Studio album by Black Oak Arkansas
- Released: November 1973
- Recorded: September 15–19, 1972; August 4–29, 1973
- Studios: Criteria, Miami, Florida; Wally Heider, Hollywood, California;
- Genres: Southern rock; country rock; classic rock;
- Length: 33:50
- Label: Atco
- Producer: Tom Dowd

Black Oak Arkansas chronology
| Raunch 'N' Roll Live (1973) | High on the Hog (1973) | Early Times (1974) |

= High on the Hog (Black Oak Arkansas album) =

High on the Hog is the fourth studio album by American southern rock band Black Oak Arkansas, released in 1973 by Atco Records. It is known for its cover of the LaVern Baker song "Jim Dandy", which reached number 25 on the US Billboard Hot 100.

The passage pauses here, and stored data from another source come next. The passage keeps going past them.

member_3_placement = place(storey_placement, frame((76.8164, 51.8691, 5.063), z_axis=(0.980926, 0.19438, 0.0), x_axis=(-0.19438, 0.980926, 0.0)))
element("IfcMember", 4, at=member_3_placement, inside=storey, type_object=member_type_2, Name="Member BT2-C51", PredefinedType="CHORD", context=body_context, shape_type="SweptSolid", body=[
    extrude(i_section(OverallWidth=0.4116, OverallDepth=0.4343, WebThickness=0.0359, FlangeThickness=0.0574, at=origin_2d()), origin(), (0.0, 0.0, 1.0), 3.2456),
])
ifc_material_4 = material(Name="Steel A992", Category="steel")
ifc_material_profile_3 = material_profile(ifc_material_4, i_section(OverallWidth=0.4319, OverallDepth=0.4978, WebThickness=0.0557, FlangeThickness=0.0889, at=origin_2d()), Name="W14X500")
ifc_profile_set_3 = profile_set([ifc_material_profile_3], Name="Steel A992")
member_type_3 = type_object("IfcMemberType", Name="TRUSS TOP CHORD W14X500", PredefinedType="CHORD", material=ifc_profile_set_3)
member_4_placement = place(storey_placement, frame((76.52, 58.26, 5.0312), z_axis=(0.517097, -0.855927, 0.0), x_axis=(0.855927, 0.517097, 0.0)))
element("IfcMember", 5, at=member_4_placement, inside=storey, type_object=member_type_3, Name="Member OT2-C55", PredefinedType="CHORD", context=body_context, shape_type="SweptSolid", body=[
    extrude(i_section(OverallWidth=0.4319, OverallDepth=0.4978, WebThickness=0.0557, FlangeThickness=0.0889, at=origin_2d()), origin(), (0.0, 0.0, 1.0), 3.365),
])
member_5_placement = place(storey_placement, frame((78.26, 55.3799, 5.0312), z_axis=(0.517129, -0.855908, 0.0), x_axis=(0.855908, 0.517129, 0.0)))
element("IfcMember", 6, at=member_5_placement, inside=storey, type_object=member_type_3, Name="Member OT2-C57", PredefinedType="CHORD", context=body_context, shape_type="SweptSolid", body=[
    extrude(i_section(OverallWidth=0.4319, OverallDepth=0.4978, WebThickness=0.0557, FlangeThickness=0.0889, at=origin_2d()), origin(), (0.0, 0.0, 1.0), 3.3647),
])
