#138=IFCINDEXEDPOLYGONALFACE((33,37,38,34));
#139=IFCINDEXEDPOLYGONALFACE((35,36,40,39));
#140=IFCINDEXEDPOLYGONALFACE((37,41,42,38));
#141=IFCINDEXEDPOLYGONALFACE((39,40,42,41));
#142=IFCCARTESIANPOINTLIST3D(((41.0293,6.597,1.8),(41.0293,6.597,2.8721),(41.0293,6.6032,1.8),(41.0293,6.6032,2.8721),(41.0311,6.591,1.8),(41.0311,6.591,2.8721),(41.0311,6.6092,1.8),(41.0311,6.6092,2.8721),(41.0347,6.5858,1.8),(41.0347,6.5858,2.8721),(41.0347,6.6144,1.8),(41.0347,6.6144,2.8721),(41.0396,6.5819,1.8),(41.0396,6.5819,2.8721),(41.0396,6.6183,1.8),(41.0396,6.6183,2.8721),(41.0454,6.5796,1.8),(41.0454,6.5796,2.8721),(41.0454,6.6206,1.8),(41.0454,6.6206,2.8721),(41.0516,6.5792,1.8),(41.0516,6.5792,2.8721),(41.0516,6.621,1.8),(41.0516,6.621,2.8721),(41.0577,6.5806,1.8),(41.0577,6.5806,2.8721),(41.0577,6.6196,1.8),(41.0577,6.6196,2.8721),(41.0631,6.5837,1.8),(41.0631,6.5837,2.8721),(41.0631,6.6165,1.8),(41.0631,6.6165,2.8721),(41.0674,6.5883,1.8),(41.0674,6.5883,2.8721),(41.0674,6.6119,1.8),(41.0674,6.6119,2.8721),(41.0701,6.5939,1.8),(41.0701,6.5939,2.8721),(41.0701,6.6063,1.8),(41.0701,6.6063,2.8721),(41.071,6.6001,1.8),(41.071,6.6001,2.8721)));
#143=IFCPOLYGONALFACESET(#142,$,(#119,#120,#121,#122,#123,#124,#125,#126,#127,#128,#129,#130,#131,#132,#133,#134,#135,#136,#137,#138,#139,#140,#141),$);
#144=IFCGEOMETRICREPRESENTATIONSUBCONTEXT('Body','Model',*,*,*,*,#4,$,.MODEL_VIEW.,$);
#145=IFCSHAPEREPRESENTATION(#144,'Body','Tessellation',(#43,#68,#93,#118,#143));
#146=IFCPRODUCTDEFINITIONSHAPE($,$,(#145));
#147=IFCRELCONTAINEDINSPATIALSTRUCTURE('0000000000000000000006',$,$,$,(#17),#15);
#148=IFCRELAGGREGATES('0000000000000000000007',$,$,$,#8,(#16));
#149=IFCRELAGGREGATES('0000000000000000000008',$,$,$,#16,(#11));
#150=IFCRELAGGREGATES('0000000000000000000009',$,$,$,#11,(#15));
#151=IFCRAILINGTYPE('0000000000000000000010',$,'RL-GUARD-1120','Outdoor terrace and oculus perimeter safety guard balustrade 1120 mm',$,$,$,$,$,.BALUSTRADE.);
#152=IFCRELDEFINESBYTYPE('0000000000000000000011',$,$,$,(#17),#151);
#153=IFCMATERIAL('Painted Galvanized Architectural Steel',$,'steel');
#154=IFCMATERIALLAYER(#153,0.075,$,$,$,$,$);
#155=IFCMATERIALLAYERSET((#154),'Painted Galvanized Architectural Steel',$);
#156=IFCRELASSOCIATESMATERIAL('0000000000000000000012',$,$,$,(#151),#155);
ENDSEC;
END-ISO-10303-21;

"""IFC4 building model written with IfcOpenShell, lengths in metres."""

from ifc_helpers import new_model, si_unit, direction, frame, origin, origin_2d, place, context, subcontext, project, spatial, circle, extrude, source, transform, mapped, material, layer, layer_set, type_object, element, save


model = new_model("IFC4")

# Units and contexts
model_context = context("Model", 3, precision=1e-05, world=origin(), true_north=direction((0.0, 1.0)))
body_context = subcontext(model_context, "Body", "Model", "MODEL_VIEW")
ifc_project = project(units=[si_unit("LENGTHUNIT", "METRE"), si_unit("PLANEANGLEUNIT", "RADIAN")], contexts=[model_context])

High on the Hog remains the group's most successful release.

Professional ratings
Review scores
| Source | Rating |
| Allmusic | Star Half star |

== Critical reception ==
On AllMusic, Donald A. Guarisco wrote "["Jim Dandy"] is definitely High on the Hogs undisputed highlight, but the other tracks surrounding it also have plenty to offer. Although they were too eccentric a band to fit a strict "Southern rock" label à la Lynyrd Skynyrd, Black Oak Arkansas did have an ability to dish up both country and rock sounds with style.... [T]he group also shows a surprising ability to mix elements of pure funk into their country-rock stew..."

== Track listing ==
All songs by Black Oak Arkansas, except "Jim Dandy" by Lincoln Chase and "Moonshine Sonata" by Black Oak Arkansas & Tom Dowd.

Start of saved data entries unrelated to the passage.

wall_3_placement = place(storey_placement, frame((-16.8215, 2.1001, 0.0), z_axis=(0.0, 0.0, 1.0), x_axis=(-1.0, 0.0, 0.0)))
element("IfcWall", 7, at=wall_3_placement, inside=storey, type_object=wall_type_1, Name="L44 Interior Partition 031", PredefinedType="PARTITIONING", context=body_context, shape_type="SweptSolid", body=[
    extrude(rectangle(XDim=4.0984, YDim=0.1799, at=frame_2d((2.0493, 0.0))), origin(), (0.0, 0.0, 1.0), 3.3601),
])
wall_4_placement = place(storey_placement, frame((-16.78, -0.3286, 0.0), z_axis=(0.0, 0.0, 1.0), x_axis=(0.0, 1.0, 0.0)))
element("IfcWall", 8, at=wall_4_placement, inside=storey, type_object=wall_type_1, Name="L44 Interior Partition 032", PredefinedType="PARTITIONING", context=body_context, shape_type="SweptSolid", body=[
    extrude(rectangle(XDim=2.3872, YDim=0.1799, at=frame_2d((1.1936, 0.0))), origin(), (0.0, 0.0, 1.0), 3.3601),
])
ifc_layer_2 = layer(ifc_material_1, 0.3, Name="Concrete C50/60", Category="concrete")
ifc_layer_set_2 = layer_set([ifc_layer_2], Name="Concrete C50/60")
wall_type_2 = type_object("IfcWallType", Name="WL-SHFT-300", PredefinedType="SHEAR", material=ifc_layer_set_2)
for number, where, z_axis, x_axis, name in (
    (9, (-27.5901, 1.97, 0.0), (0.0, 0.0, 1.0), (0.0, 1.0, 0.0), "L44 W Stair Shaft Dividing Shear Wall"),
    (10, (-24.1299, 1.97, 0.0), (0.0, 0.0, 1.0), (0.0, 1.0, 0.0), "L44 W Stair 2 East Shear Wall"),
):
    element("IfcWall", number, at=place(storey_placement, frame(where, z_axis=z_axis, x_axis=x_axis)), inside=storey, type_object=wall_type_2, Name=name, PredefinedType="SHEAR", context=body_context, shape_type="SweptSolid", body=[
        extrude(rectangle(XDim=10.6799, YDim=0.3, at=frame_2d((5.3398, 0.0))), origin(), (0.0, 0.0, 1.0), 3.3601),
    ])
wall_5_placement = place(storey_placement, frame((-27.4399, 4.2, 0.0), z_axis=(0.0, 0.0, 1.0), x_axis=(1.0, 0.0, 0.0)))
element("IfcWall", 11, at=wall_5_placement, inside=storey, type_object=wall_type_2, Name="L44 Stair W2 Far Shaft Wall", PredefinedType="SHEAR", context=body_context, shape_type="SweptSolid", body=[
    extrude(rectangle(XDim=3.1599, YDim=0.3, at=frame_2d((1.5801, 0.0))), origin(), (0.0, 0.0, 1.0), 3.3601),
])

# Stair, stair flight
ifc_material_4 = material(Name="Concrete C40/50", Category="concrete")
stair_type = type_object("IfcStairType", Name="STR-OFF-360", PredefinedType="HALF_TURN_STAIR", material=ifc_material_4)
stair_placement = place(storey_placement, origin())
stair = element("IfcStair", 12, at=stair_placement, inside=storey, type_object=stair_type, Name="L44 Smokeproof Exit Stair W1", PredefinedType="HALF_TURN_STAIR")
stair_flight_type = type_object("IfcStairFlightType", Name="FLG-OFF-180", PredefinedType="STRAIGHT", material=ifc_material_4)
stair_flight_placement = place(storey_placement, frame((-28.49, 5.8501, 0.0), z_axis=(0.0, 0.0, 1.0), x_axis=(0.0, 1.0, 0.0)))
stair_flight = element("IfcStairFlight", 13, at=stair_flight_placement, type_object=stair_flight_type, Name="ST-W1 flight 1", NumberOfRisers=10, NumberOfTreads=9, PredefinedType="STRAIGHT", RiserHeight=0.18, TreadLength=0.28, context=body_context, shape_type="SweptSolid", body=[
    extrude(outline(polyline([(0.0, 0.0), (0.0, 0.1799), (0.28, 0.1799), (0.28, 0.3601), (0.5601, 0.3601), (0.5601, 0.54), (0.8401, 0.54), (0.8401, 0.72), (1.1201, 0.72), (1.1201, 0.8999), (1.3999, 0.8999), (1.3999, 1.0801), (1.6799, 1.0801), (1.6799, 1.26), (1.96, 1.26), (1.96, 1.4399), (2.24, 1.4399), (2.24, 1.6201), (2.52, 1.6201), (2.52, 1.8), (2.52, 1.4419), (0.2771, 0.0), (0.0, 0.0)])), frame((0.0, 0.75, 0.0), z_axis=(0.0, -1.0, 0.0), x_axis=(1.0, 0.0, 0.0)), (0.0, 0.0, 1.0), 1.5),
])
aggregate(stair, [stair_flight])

1. "Swimmin' in Quicksand" – 3:20
2. "Back to the Land" – 2:25
3. "Movin'" – 3:13
4. "Happy Hooker" – 5:27
5. "Red Hot Lovin'" – 2:45
6. "Jim Dandy" – 2:38
7. "Moonshine Sonata" – 5:26
8. "Why Shouldn't I Smile" – 2:21
9. "High 'n' Dry" – 2:25
10. "Mad Man" – 3:50

== Personnel ==

- Black Oak Arkansas
- Jim "Dandy" Mangrum – lead vocals
- Rickie Reynolds – guitars
- Harvey Jett – guitars
- Stanley Knight – guitars
- Pat Daugherty – bass guitar
- Tommy Aldridge – drums

- Additional personnel
- Ruby Starr – backing vocals on "Jim Dandy"

- Production
- Tom Dowd – producer
- Ron & Howie Albert – engineers on tracks 3, 9, 10
- Ed Barton – engineer on the other tracks
- Joe Petagno – album illustration

==Charts==

| Chart (1974) | Peak position |
|---|---|
| Canada Top Albums/CDs (RPM) | 81 |
| US Billboard 200 | 52 |

==Certifications==

| Region | Certification | Certified units/sales |
| United States (RIAA) | Gold | 500,000^{^} |
^{^} Shipments figures based on certification alone.